The modern age


Salo Baron: “The Modern Age”
In the excerpts presented in Glatzer from Salo Baron’s essay, “The Modern Age,” Baron describes his vision for the future of American Jewry. He questions whether an outbreak of anti-semitism will ultimately bring an end to Jewish life in America or, whether the American political system is such that that would be difficult. He says that some argue that an economic depression would once again make American Jewry what they had been so many times before, a scapegoat. Yet, his answer to that claim is,”while it is possible that some cataclismic anti-Jewish upheaval might some day put an end to American Jewry, it does not appear likely,” (Baron, 735). He also dismantles the claim that such an “upheaval” would be the result of a low economic period, citing examples in American history where inspite of a recession, anti-Semitism did not become more prevalent.
He goes on to warn America’s Jews that assimilation will not free them of their Jewishness. Regardless of what they absorb fromt the surrounding culture or how devoted they are to their nation, ultimately others will still see them as Jews. He says that those who opt to ignore their past will not shed themselves of their Jewishness, but rather suffer all of its misfortunes, without benefiting from its “magnificent heritage,” (Baron, 736). For this too he cites examples from the Jewish past, the most obvious one, being that this essay was written in 1956, was German Jewry and the Holocaust.
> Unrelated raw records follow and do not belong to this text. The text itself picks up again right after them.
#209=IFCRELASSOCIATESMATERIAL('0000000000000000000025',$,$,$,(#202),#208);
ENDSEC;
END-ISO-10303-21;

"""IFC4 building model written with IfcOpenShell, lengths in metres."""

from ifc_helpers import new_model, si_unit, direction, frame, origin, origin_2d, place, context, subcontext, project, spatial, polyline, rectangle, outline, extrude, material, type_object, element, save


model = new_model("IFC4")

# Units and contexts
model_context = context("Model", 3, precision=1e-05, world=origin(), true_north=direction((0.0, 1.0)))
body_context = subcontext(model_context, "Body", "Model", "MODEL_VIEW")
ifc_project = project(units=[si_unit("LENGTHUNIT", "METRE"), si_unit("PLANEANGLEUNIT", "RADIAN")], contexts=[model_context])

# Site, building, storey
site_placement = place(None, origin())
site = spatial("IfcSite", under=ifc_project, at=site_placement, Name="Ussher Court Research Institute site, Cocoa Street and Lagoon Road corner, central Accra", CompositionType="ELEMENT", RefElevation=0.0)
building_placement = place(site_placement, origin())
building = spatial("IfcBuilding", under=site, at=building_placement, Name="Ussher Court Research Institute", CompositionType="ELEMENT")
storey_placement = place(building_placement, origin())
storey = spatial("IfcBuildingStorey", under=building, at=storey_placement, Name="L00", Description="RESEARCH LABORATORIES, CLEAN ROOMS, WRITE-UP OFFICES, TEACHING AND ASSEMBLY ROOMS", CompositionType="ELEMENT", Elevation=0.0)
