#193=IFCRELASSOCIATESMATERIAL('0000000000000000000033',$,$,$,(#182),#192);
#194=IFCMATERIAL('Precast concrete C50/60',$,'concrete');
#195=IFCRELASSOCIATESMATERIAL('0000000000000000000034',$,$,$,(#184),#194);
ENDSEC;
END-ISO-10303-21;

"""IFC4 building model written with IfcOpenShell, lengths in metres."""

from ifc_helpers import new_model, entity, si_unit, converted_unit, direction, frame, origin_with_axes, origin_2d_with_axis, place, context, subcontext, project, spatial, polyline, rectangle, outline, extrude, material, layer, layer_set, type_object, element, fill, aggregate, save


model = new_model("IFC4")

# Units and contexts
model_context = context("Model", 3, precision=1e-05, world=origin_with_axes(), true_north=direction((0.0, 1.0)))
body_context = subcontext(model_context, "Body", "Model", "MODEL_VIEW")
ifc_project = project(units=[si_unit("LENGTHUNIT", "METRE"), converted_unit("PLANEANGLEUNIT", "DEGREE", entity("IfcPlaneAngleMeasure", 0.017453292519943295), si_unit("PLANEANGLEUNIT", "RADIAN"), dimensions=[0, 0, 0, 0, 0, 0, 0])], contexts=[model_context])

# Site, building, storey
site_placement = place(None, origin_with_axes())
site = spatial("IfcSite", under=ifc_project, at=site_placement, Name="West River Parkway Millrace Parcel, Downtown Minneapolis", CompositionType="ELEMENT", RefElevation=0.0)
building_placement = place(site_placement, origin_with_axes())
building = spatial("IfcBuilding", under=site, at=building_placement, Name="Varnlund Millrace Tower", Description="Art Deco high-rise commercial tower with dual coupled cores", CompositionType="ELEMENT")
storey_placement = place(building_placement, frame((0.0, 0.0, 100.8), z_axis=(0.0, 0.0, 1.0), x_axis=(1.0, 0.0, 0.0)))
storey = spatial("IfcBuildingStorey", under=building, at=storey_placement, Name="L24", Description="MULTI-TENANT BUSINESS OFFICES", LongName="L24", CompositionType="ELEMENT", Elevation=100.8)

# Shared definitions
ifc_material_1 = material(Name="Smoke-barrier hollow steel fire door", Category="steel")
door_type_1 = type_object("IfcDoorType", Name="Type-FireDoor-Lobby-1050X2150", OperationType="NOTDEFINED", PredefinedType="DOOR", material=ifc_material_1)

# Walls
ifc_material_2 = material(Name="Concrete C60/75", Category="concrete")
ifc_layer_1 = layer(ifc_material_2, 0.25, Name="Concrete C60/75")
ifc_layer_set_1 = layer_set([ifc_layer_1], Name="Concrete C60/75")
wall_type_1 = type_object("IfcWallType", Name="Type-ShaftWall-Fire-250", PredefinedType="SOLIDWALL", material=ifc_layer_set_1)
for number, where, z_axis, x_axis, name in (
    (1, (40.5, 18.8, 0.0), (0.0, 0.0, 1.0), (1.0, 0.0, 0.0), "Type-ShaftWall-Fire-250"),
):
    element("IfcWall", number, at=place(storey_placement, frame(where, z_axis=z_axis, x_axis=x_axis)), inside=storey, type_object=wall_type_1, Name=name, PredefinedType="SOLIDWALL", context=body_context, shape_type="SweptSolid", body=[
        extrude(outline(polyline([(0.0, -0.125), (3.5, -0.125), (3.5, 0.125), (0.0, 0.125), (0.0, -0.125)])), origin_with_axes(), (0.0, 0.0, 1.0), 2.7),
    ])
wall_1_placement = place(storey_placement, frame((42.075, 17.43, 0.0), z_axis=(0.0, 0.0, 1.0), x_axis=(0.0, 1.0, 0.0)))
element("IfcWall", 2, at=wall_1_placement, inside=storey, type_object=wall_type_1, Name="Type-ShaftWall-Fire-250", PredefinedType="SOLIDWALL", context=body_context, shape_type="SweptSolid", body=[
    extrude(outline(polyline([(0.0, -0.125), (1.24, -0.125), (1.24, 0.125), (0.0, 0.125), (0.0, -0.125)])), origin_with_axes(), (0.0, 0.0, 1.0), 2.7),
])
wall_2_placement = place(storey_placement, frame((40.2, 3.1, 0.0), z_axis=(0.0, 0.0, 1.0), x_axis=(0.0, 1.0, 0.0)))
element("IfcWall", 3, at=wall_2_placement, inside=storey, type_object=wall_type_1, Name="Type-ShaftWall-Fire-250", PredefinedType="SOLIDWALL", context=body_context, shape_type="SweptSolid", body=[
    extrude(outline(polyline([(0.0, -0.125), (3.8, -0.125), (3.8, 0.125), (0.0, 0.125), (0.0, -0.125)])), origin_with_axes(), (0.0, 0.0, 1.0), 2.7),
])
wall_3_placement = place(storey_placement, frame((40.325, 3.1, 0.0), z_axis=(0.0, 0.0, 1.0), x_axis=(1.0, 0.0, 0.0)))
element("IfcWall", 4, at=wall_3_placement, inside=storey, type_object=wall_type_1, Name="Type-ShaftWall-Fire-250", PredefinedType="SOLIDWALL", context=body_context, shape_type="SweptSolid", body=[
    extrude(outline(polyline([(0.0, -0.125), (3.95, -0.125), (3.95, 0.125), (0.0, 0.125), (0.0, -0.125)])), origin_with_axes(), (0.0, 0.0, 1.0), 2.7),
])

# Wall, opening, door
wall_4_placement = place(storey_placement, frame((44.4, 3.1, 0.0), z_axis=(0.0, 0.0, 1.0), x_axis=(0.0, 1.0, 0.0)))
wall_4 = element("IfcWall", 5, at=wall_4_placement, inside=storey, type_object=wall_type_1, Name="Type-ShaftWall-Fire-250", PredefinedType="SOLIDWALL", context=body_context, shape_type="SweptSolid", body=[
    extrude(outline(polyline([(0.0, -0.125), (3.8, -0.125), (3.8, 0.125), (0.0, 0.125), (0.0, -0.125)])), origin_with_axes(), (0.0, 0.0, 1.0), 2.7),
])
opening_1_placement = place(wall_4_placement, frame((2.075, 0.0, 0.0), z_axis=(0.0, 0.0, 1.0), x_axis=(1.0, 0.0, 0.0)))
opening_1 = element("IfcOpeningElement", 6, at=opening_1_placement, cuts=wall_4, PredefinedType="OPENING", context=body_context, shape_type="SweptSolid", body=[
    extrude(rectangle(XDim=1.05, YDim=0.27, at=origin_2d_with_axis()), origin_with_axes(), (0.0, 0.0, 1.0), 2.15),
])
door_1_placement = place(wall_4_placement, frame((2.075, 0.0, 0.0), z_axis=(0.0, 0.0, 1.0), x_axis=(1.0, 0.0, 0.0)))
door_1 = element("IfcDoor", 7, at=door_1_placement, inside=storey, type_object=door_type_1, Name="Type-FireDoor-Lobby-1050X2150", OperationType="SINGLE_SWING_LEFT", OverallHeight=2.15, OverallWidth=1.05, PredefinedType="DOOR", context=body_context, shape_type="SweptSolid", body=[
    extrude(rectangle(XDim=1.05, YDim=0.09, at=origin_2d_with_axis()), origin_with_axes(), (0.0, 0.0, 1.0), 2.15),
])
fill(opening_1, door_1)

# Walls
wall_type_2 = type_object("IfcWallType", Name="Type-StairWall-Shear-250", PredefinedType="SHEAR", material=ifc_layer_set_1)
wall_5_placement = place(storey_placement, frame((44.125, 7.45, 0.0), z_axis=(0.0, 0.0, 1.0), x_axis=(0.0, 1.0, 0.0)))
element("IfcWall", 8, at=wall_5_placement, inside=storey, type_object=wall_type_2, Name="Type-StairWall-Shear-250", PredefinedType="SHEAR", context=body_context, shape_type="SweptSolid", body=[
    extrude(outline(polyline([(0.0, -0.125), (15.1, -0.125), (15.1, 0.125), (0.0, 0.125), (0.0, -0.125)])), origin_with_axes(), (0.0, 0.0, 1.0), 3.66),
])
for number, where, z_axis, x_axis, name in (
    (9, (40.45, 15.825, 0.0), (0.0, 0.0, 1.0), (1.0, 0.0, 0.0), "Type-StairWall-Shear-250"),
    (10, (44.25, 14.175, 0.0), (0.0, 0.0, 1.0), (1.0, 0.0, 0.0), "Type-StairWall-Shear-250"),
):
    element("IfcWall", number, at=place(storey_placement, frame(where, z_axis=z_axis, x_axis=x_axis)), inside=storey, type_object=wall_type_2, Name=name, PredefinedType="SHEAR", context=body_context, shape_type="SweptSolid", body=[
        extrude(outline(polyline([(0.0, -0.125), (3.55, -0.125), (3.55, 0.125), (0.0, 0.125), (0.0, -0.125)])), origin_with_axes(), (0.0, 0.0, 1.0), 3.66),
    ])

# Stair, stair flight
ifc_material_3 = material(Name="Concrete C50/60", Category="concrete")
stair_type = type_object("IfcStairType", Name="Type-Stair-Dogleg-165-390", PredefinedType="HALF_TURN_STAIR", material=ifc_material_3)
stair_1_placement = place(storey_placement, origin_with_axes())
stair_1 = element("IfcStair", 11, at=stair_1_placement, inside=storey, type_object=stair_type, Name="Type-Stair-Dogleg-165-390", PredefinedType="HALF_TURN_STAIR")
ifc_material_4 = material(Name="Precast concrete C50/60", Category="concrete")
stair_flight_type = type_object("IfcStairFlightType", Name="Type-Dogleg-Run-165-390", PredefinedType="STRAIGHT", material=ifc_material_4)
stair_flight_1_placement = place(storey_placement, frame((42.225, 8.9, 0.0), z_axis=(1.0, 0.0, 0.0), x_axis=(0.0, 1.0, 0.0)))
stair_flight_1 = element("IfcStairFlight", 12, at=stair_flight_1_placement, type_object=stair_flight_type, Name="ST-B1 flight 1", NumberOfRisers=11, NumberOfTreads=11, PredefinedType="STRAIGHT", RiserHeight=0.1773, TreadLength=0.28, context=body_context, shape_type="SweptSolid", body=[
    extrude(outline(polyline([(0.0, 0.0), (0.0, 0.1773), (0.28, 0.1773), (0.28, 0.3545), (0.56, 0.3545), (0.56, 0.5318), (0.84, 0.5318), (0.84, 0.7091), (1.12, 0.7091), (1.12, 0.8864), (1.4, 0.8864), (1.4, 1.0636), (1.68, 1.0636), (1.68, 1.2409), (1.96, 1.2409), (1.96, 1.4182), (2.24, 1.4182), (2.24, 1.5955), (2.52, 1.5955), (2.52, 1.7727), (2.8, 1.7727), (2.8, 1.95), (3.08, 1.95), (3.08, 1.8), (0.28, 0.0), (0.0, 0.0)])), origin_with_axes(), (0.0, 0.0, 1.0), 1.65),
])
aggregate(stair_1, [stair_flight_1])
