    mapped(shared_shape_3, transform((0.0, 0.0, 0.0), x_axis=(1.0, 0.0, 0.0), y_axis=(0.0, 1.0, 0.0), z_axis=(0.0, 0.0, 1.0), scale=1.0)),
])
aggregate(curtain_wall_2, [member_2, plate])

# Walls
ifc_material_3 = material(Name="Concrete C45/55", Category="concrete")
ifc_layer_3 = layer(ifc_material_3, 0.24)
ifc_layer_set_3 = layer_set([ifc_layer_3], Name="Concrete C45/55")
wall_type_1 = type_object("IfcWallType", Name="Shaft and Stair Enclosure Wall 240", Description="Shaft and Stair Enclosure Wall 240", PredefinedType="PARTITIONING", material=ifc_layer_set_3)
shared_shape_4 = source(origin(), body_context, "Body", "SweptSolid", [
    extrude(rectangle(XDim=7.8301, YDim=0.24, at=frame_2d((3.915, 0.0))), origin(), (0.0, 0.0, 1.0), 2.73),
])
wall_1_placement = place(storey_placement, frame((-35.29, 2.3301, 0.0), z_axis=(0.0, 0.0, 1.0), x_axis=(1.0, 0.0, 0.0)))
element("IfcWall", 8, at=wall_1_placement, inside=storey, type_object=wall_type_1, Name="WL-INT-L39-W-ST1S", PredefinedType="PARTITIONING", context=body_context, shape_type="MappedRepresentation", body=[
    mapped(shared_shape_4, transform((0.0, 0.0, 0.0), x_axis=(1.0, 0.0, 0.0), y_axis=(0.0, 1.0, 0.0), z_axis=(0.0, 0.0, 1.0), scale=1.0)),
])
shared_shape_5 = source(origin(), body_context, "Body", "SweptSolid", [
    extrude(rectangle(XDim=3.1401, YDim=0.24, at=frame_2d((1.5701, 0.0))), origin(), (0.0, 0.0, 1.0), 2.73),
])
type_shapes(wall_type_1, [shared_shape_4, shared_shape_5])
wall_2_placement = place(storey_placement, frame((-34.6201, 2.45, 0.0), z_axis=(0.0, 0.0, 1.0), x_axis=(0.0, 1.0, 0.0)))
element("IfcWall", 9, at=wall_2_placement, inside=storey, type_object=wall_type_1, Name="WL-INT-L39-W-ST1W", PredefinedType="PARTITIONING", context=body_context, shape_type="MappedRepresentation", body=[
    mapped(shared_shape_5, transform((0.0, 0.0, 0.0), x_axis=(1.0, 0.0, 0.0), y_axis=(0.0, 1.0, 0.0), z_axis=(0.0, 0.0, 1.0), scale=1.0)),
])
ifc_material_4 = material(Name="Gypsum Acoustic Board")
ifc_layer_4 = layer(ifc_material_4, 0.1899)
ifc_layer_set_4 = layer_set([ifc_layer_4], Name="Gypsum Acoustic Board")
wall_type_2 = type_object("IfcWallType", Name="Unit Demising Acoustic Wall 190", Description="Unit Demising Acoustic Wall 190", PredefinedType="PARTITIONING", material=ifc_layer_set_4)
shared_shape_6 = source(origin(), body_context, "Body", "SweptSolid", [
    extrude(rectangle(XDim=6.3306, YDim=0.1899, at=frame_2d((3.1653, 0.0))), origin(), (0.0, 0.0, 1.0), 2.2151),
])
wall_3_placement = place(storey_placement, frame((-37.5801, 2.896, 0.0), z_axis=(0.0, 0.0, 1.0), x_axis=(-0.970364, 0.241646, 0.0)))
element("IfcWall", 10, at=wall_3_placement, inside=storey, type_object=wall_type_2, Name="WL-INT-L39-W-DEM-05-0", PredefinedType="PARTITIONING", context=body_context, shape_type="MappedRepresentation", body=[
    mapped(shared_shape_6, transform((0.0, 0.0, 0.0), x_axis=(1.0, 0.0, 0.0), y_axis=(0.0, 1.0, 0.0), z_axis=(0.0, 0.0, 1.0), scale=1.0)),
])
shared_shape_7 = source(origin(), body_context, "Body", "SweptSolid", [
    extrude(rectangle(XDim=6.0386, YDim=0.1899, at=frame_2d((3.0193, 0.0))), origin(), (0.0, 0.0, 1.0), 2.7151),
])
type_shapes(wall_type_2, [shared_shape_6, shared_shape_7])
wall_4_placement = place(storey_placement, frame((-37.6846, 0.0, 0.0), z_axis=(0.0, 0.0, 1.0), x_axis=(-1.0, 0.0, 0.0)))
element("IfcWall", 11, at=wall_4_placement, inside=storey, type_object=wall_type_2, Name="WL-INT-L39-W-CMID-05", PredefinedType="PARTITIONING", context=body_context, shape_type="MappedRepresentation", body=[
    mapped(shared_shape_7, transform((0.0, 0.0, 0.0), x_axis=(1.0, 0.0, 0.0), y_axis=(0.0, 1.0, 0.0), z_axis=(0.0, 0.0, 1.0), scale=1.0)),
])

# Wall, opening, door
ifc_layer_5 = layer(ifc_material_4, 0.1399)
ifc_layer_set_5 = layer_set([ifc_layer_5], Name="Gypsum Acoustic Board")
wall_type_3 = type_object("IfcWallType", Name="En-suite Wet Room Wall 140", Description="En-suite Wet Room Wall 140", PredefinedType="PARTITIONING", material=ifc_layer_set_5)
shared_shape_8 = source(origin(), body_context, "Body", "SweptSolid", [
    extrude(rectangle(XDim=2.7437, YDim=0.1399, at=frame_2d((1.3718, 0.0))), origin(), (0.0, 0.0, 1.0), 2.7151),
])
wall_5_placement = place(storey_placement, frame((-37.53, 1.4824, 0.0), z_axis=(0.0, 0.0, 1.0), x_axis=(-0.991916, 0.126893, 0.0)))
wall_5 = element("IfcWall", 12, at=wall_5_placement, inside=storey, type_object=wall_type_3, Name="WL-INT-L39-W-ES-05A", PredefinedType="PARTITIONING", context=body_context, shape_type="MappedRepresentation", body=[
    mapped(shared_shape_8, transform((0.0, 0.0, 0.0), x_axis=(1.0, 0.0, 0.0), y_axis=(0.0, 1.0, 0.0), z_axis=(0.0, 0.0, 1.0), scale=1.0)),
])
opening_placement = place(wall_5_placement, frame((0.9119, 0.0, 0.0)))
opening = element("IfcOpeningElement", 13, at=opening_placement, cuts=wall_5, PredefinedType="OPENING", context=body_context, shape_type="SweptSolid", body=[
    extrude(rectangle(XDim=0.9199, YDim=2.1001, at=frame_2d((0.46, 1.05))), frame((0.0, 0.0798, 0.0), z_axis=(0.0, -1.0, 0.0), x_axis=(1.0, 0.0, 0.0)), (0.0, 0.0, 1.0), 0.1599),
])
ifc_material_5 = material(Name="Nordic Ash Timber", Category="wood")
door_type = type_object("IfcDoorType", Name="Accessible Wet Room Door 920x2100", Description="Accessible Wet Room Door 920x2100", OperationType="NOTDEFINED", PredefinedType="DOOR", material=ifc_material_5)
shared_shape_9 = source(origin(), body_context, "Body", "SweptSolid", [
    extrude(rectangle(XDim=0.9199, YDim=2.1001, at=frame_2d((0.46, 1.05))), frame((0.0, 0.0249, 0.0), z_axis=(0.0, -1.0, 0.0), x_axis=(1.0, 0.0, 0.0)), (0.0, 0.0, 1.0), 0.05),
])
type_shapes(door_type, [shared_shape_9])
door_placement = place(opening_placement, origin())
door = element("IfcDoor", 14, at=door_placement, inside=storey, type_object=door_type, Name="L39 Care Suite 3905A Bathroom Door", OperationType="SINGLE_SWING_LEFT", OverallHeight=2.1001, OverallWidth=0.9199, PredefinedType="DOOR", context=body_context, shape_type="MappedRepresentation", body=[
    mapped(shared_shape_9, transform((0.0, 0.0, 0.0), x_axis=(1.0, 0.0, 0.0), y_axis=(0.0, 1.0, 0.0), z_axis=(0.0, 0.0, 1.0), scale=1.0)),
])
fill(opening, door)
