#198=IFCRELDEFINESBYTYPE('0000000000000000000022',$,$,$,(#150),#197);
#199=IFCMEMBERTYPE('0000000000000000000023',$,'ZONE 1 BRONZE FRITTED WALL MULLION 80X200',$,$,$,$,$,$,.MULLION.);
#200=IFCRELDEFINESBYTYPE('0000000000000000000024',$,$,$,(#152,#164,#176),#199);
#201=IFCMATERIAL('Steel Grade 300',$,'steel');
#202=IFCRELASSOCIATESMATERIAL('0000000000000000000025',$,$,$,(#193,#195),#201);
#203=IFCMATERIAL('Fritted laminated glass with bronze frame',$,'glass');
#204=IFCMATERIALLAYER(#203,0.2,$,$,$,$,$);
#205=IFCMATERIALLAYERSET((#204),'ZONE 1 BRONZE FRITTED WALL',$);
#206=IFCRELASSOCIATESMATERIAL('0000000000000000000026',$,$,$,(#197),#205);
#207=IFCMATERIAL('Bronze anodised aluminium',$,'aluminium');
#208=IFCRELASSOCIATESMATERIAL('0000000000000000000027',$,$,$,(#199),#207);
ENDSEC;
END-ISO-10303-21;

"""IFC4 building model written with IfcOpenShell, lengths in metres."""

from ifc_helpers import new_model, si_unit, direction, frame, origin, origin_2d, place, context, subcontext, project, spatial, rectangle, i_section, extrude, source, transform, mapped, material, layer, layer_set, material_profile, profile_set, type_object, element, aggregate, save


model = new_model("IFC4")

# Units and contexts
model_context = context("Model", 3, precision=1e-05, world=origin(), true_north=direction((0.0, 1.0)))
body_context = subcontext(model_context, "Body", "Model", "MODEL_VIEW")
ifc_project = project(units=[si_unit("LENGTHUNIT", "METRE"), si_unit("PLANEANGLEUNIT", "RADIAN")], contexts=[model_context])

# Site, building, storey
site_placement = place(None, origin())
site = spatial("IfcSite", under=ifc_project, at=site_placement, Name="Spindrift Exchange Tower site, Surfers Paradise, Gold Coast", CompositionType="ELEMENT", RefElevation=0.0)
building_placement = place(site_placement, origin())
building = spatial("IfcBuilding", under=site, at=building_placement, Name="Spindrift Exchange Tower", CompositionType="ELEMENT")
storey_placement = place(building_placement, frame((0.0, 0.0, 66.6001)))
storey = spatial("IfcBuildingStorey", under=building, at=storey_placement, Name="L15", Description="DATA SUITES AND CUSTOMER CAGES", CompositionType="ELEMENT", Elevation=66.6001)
Ultimately, Baron questions what American Jewry will have become in one century, being that neither complete assimilation, nor an anti-Semitic upheaval, are likely scenarios. He does not give an answer. What he says instead is that the Jewish community in America must focus on quality, not quantity. They must stop concentrating on material things and instead work to develop their Jewish culture which was so quickly deteriorating. Interestingly, Maimonides had argued precisely the same thing eight centuries earlier. Baron’s final contention is that American Jewry needs leadership. They need people to shape the cultural, social and religious future of Diaspora life.